Verweerster heeft betwist dat de verzekerde patiënt bij toepassing van het max-max tarief een voorkeursbehandeling geniet. Volgens verweerster staat de mogelijkheid dat zorgaanbieders met verzekeraars tarieven afspreken tot 10% boven het reguliere maximumtarief er niet aan in de weg hoe een patiënt de bekostiging van zijn behandelingen regelt. De mogelijkheid van de max-max tarieven is nadrukkelijk bedoeld voor extra’s, zoals het meedoen aan een kwaliteitstraject of certificering van de praktijk. De reguliere maximumtarieven dekken alle kosten die nodig zijn om de zorg kwalitatief verantwoord te leveren en er is geen enkele reden om aan te nemen dat een verzekerde patiënt, wiens verzekeraar max-max tarieven heeft afgesproken, andere zorg krijgt dan een niet-verzekerde patiënt. Volgens verweerster ligt het eerder voor de hand dat niet-verzekerde patiënten profiteren van de extra’s die door de max-max tarieven zijn vergoed.
13. Het College stelt vast dat appellant niet heeft onderbouwd dat de niet-verzekerde patiënt een andere behandeling ontvangt dan de verzekerde patiënt. Dat de toepassing van max-max tarieven zou leiden tot een voorkeursbehandeling voor verzekerde patiënten is niet gebleken. De beroepsgrond faalt.
14. Ten slotte heeft appellant in beroep aangevoerd dat het bestreden besluit getuigt van vooringenomenheid, aangezien verweerster keer op keer de kant kiest van de zorgverzekeraars doch zwaar stelling neemt tegen de tandheelkundige beroepsgroep. Ook is appellant van mening dat tijdens de hoorzitting ten onrechte van de zijde van verweerster de opmerking is gemaakt dat hij zijn bezwaren en zorgen met beroepsgroep ANT kan delen. Appellant acht dit ongepast en is van mening dat het lidmaatschap van een beroepsgroep niet het individuele recht kan beperken om op te komen tegen de onderhavige tariefbeschikking.
15. Het College is van oordeel dat uit het door appellant bestreden besluit niet blijkt van vooringenomenheid van verweerster. Verweerster heeft in het bestreden besluit gemotiveerd aangegeven waarom zij de bezwaren van appellant ongegrond heeft verklaard en deze motivering houdt in beroep stand. Uit het bestreden besluit blijkt niet dat verweerster, zoals appellant stelt, steeds ten onrechte de kant zou kiezen van de zorgverzekeraars.

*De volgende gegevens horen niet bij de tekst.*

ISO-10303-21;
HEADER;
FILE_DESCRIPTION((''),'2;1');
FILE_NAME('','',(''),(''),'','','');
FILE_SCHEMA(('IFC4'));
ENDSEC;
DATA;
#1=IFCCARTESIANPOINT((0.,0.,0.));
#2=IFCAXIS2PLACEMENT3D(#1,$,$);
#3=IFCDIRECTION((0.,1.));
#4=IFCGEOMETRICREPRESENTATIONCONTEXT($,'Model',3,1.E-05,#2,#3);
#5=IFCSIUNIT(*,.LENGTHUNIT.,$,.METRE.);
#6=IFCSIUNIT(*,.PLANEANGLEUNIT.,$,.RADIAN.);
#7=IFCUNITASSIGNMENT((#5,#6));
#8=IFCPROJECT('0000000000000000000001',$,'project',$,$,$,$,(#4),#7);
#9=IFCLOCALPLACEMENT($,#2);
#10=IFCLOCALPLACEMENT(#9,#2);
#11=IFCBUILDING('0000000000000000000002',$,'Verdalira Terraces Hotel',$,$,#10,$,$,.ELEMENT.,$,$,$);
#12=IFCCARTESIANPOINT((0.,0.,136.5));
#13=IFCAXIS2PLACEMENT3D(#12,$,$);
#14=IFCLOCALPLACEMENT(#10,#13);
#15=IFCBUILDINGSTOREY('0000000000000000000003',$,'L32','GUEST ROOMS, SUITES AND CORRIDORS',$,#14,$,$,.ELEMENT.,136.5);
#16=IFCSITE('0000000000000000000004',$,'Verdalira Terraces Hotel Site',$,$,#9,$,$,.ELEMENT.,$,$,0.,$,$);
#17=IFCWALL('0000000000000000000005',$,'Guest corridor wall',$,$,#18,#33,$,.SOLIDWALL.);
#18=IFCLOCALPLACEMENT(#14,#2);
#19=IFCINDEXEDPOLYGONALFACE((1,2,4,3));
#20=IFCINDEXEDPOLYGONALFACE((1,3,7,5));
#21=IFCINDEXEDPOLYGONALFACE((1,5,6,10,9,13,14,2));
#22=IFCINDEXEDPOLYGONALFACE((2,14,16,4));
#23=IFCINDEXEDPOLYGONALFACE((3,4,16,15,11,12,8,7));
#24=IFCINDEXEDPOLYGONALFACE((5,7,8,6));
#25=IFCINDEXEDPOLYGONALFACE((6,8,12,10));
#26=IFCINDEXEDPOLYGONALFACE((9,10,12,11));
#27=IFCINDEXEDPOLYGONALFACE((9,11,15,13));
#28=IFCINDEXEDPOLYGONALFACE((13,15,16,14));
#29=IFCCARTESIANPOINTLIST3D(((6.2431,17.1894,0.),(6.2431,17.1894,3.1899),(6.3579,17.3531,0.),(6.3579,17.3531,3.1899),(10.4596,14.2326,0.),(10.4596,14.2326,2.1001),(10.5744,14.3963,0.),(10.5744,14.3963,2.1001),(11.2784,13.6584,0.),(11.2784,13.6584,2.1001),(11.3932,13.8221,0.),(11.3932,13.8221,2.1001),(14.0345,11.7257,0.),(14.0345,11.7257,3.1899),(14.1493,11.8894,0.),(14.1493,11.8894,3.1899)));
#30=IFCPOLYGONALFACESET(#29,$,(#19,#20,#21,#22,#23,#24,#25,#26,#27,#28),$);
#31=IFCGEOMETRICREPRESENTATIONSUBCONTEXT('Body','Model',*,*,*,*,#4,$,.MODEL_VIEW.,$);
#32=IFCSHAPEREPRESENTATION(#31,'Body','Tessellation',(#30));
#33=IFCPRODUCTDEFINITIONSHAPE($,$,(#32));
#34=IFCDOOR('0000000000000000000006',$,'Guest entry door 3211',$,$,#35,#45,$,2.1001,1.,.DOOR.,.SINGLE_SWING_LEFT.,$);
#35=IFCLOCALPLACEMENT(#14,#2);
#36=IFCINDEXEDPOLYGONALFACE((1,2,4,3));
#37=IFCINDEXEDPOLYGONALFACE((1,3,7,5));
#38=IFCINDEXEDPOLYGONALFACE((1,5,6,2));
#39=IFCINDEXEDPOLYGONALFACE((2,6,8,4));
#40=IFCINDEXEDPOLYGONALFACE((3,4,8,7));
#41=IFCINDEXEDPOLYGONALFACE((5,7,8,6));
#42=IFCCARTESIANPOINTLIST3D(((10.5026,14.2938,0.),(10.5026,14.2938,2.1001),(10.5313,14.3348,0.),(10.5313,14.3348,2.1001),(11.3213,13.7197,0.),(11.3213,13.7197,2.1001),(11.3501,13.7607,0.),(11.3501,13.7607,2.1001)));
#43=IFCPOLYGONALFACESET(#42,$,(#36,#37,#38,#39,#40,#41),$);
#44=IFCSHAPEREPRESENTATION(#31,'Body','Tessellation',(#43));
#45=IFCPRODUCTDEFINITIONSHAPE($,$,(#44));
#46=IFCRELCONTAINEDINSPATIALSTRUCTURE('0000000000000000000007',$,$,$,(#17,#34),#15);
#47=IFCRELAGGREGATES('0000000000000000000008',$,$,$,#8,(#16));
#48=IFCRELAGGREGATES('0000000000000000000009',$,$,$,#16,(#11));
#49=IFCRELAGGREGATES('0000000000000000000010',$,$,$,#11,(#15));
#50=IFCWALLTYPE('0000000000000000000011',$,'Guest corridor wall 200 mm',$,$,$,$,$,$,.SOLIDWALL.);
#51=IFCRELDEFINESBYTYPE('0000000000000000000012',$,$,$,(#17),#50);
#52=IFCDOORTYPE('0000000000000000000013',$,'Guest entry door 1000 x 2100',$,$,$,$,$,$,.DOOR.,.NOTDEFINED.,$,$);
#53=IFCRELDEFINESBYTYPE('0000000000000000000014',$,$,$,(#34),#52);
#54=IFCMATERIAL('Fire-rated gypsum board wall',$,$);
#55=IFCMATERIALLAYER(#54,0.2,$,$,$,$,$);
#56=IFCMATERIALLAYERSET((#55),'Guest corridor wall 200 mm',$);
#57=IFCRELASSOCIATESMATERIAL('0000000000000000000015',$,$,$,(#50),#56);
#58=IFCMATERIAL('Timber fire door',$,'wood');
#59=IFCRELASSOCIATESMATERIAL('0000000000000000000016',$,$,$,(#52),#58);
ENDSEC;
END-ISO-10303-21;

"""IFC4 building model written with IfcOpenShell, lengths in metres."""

from ifc_helpers import new_model, si_unit, direction, frame, frame_2d, origin, place, context, subcontext, project, spatial, rectangle, extrude, material, layer, layer_set, type_object, element, fill, save


model = new_model("IFC4")

# Units and contexts
model_context = context("Model", 3, precision=1e-05, world=origin(), true_north=direction((0.0, 1.0)))
body_context = subcontext(model_context, "Body", "Model", "MODEL_VIEW")
ifc_project = project(units=[si_unit("LENGTHUNIT", "METRE"), si_unit("PLANEANGLEUNIT", "RADIAN")], contexts=[model_context])

# Site, building, storey
site_placement = place(None, origin())
site = spatial("IfcSite", under=ifc_project, at=site_placement, Name="Verdalira Terraces Hotel Site", CompositionType="ELEMENT", RefElevation=0.0)
building_placement = place(site_placement, origin())
building = spatial("IfcBuilding", under=site, at=building_placement, Name="Verdalira Terraces Hotel", CompositionType="ELEMENT")
storey_placement = place(building_placement, frame((0.0, 0.0, 136.5)))
storey = spatial("IfcBuildingStorey", under=building, at=storey_placement, Name="L32", Description="GUEST ROOMS, SUITES AND CORRIDORS", CompositionType="ELEMENT", Elevation=136.5)

# Wall, opening, door
ifc_material_1 = material(Name="Fire-rated gypsum board wall")
ifc_layer_1 = layer(ifc_material_1, 0.2)
ifc_layer_set_1 = layer_set([ifc_layer_1], Name="Guest corridor wall 200 mm")
wall_type_1 = type_object("IfcWallType", Name="Guest corridor wall 200 mm", PredefinedType="SOLIDWALL", material=ifc_layer_set_1)
wall_1_placement = place(storey_placement, frame((6.3005, 17.2712, 0.0), z_axis=(0.0, 0.0, 1.0), x_axis=(0.818751, -0.574149, 0.0)))
wall_1 = element("IfcWall", 1, at=wall_1_placement, inside=storey, type_object=wall_type_1, Name="Guest corridor wall", PredefinedType="SOLIDWALL", context=body_context, shape_type="SweptSolid", body=[
    extrude(rectangle(XDim=9.5161, YDim=0.2, at=frame_2d((4.7581, 0.0))), origin(), (0.0, 0.0, 1.0), 3.1899),
])
opening_1_placement = place(wall_1_placement, frame((5.1499, 0.0, 0.0)))
opening_1 = element("IfcOpeningElement", 2, at=opening_1_placement, cuts=wall_1, PredefinedType="OPENING", context=body_context, shape_type="SweptSolid", body=[
    extrude(rectangle(XDim=1.0, YDim=2.1001, at=frame_2d((0.5, 1.05))), frame((0.0, 0.1099, 0.0), z_axis=(0.0, -1.0, 0.0), x_axis=(1.0, 0.0, 0.0)), (0.0, 0.0, 1.0), 0.22),
])
ifc_material_2 = material(Name="Timber fire door", Category="wood")
door_type_1 = type_object("IfcDoorType", Name="Guest entry door 1000 x 2100", OperationType="NOTDEFINED", PredefinedType="DOOR", material=ifc_material_2)
door_1_placement = place(opening_1_placement, origin())
door_1 = element("IfcDoor", 3, at=door_1_placement, inside=storey, type_object=door_type_1, Name="Guest entry door 3211", OperationType="SINGLE_SWING_LEFT", OverallHeight=2.1001, OverallWidth=1.0, PredefinedType="DOOR", context=body_context, shape_type="SweptSolid", body=[
    extrude(rectangle(XDim=1.0, YDim=2.1001, at=frame_2d((0.5, 1.05))), frame((0.0, 0.0249, 0.0), z_axis=(0.0, -1.0, 0.0), x_axis=(1.0, 0.0, 0.0)), (0.0, 0.0, 1.0), 0.05),
])
fill(opening_1, door_1)

save(model, "model.ifc")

Ten aanzien van de beroepsgrond die verband houdt met de opmerking die verweerster tijdens de hoorzitting heeft gemaakt, overweegt het College dat uit het verslag van de hoorzitting slechts blijkt dat verweerster appellant heeft aangeraden om zijn bezwaren en zorgen óók met ANT te delen, zodat ANT, in de overleggen die regelmatig tussen verweerster en de diverse beroepsgroepen plaatsvinden, die opmerkingen kan meenemen. Die opmerking laat onverlet dat appellant rechtsmiddelen kan aanwenden tegen besluiten van verweerster. Rechtsmiddelen hebben echter alleen het gewenste effect als zij tot de conclusie leiden dat een besluit geheel of gedeeltelijk onrechtmatig is, terwijl bespreking van opmerkingen ook anderszins tot verandering kan leiden. Ook deze beroepsgrond slaagt niet.
16. Uit het voorgaande volgt dat het beroep ongegrond is. Voor een proceskostenveroordeling bestaat geen aanleiding.